Plant-type L-asparaginases, which are a subclass of the Ntn-hydrolase family, are divided into potassium-dependent and potassium-independent enzymes with different substrate preferences. While the potassium-independent enzymes have already been well characterized, there are no structural data for any of the members of the potassium-dependent group to illuminate the intriguing dependence of their catalytic mechanism on alkali-metal cations. Here, three crystal structures of a potassium-dependent plant-type L-asparaginase from Phaseolus vulgaris (PvAspG1) differing in the type of associated alkali metal ions (K(+), Na(+) or both) are presented and the structural consequences of the different ions are correlated with the enzyme activity. As in all plant-type L-asparaginases, immature PvAspG1 is a homodimer of two protein chains, which both undergo autocatalytic cleavage to α and β subunits, thus creating the mature heterotetramer or dimer of heterodimers (αβ)2. The αβ subunits of PvAspG1 are folded similarly to the potassium-independent enzymes, with a sandwich of two β-sheets flanked on each side by a layer of helices. In addition to the sodium loop' (here referred to as the stabilization loop') known from potassium-independent plant-type asparaginases, the potassium-dependent PvAspG1 enzyme contains another alkali metal-binding loop (the `activation loop') in subunit α (residues Val111-Ser118). The active site of PvAspG1 is located between these two metal-binding loops and in the immediate neighbourhood of three residues, His117, Arg224 and Glu250, acting as a catalytic switch, which is a novel feature that is identified in plant-type L-asparaginases for the first time. A comparison of the three PvAspG1 structures demonstrates how the metal ion bound in the activation loop influences its conformation, setting the catalytic switch to ON (when K(+) is coordinated) or OFF (when Na(+) is coordinated) to respectively allow or prevent anchoring of the reaction substrate/product in the active site. Moreover, it is proposed that Ser118, the last residue of the activation loop, is involved in the potassium-dependence mechanism. The PvAspG1 structures are discussed in comparison with those of potassium-independent L-asparaginases (LlA, EcAIII and hASNase3) and those of other Ntn-hydrolases (AGA and Tas1), as well as in the light of noncrystallographic studies.

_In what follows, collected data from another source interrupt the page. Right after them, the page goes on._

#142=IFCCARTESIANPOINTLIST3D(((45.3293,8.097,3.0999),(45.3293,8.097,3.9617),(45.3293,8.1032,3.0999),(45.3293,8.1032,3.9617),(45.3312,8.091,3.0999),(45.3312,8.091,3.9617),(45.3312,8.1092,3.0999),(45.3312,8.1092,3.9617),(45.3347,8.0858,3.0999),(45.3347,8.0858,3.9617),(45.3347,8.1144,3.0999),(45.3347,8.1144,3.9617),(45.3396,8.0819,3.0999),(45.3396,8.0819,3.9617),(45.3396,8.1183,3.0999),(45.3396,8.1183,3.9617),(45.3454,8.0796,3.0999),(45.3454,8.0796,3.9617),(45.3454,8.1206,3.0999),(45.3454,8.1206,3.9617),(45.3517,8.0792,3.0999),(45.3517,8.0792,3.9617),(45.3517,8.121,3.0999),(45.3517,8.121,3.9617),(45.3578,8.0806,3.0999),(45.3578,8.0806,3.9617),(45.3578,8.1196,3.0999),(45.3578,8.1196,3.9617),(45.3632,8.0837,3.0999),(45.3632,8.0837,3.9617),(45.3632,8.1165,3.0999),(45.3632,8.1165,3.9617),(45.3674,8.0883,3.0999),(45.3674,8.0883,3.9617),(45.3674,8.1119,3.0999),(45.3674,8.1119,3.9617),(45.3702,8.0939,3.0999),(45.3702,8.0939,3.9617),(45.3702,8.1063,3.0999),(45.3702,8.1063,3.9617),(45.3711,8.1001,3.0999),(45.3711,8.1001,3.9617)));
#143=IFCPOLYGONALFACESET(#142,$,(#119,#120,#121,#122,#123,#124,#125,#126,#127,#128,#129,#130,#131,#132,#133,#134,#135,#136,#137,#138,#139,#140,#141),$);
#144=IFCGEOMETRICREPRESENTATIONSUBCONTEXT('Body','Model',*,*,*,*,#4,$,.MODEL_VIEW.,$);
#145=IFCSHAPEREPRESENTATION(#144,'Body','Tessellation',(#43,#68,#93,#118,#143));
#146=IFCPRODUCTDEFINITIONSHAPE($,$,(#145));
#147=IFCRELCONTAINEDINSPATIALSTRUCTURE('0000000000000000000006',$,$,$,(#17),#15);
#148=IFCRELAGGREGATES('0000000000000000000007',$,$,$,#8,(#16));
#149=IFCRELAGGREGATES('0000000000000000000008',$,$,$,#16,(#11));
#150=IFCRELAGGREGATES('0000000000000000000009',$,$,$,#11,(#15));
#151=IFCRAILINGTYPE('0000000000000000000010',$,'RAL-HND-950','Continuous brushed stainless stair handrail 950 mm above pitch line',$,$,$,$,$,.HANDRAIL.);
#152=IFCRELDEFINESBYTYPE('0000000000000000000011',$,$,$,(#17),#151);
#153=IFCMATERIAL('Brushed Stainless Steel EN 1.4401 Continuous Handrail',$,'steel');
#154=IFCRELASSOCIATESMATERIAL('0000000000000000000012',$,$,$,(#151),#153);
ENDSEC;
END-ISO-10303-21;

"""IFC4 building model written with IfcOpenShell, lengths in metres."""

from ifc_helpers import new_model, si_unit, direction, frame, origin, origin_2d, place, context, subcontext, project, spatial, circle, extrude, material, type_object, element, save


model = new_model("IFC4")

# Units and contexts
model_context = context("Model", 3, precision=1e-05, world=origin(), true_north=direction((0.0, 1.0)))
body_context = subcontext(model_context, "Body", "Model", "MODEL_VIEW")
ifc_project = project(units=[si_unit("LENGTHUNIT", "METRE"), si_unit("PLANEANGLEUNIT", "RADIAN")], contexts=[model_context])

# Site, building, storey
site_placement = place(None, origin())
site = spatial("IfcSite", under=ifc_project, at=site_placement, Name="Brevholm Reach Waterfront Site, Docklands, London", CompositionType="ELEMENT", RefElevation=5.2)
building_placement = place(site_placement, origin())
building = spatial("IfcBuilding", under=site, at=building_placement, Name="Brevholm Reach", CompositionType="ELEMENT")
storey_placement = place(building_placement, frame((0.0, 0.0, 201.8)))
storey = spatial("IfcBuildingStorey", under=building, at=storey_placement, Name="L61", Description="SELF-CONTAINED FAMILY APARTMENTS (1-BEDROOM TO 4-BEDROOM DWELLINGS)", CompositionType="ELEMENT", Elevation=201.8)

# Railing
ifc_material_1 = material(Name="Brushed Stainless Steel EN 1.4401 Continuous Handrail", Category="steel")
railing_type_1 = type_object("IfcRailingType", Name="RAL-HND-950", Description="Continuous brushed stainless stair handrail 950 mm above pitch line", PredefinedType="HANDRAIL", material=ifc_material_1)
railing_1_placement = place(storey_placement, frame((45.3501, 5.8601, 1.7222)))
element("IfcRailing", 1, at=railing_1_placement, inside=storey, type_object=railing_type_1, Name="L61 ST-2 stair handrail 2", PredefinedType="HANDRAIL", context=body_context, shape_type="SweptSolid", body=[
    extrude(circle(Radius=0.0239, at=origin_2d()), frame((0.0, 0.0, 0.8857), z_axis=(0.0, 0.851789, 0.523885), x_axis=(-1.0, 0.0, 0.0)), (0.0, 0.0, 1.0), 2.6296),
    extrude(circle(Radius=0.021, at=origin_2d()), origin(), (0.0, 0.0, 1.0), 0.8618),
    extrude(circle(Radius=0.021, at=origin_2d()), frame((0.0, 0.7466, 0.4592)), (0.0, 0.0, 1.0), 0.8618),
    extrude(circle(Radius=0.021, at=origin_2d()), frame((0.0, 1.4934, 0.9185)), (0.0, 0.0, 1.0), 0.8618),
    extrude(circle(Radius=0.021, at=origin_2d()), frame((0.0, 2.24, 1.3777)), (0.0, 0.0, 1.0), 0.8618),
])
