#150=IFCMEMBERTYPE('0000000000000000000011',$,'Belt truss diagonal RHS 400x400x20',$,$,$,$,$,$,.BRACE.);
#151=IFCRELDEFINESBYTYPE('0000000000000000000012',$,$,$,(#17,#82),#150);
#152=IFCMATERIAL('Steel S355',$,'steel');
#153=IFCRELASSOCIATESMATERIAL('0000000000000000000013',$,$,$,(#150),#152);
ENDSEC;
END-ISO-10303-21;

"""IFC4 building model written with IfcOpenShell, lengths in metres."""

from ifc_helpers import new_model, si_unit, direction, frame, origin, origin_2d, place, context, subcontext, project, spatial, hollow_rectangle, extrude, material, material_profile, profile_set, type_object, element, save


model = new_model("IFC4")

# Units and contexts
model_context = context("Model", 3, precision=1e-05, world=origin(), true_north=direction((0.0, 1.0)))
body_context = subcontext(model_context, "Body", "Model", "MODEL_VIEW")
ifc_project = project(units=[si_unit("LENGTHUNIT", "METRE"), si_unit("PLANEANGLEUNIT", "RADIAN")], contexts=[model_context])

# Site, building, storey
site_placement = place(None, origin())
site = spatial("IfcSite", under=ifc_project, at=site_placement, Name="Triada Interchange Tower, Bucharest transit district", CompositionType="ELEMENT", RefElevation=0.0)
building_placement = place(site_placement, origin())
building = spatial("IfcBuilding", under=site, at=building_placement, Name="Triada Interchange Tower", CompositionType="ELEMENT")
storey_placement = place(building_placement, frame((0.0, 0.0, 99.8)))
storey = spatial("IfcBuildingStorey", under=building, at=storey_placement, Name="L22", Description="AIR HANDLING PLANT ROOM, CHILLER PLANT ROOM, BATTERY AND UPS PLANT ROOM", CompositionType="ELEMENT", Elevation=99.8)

植物型L-天冬酰胺酶是Ntn-水解酶家族的一个亚类,可分为具有不同底物偏好的钾依赖性和非钾依赖性酶。虽然非钾依赖性酶已得到充分表征,但关于钾依赖性酶成员的结构数据尚未见报道,无法阐明其催化机制对碱金属阳离子的有趣依赖性。本文报道了来自菜豆的一种钾依赖性植物型L-天冬酰胺酶(PvAspG1)的三种晶体结构(其结合的碱金属离子类型不同,分别为K⁺、Na⁺或两者皆有),并将不同离子的结构后果与酶活性相关联。与所有植物型L-天冬酰胺酶一样,未成熟的PvAspG1是由两条蛋白质链组成的同型二聚体,两条链均经过自催化切割形成α和β亚基,从而形成成熟的异源四聚体或异源二聚体(αβ)₂二聚体。PvAspG1的αβ亚基折叠方式与非钾依赖性酶相似,由两层β折叠片层夹在中间,两侧各有一层螺旋。除了非钾依赖性植物型天冬酰胺酶中已知的“钠环”(此处称为“稳定环”)外,钾依赖性PvAspG1酶在亚基α(第111位缬氨酸至第118位丝氨酸)中还含有另一个碱金属结合环(“激活环”)。PvAspG1的活性位点位于这两个金属结合环之间,紧邻三个作为催化开关的残基,即组氨酸117、精氨酸224和谷氨酸250,这是在植物型L-天冬酰胺酶中首次发现的新特征。对三种PvAspG1结构的比较表明,结合在激活环中的金属离子如何影响其构象,将催化开关设置为开启(当K⁺配位时)或关闭(当Na⁺配位时),分别允许或阻止反应底物/产物在活性位点的锚定。此外,有人提出激活环的最后一个残基丝氨酸118参与了钾依赖性机制。本文将PvAspG1的结构与非钾依赖性L-天冬酰胺酶(LlA、EcAIII和hASNase3)以及其他Ntn-水解酶(AGA和Tas1)的结构进行了比较,并结合非晶体学研究进行了讨论。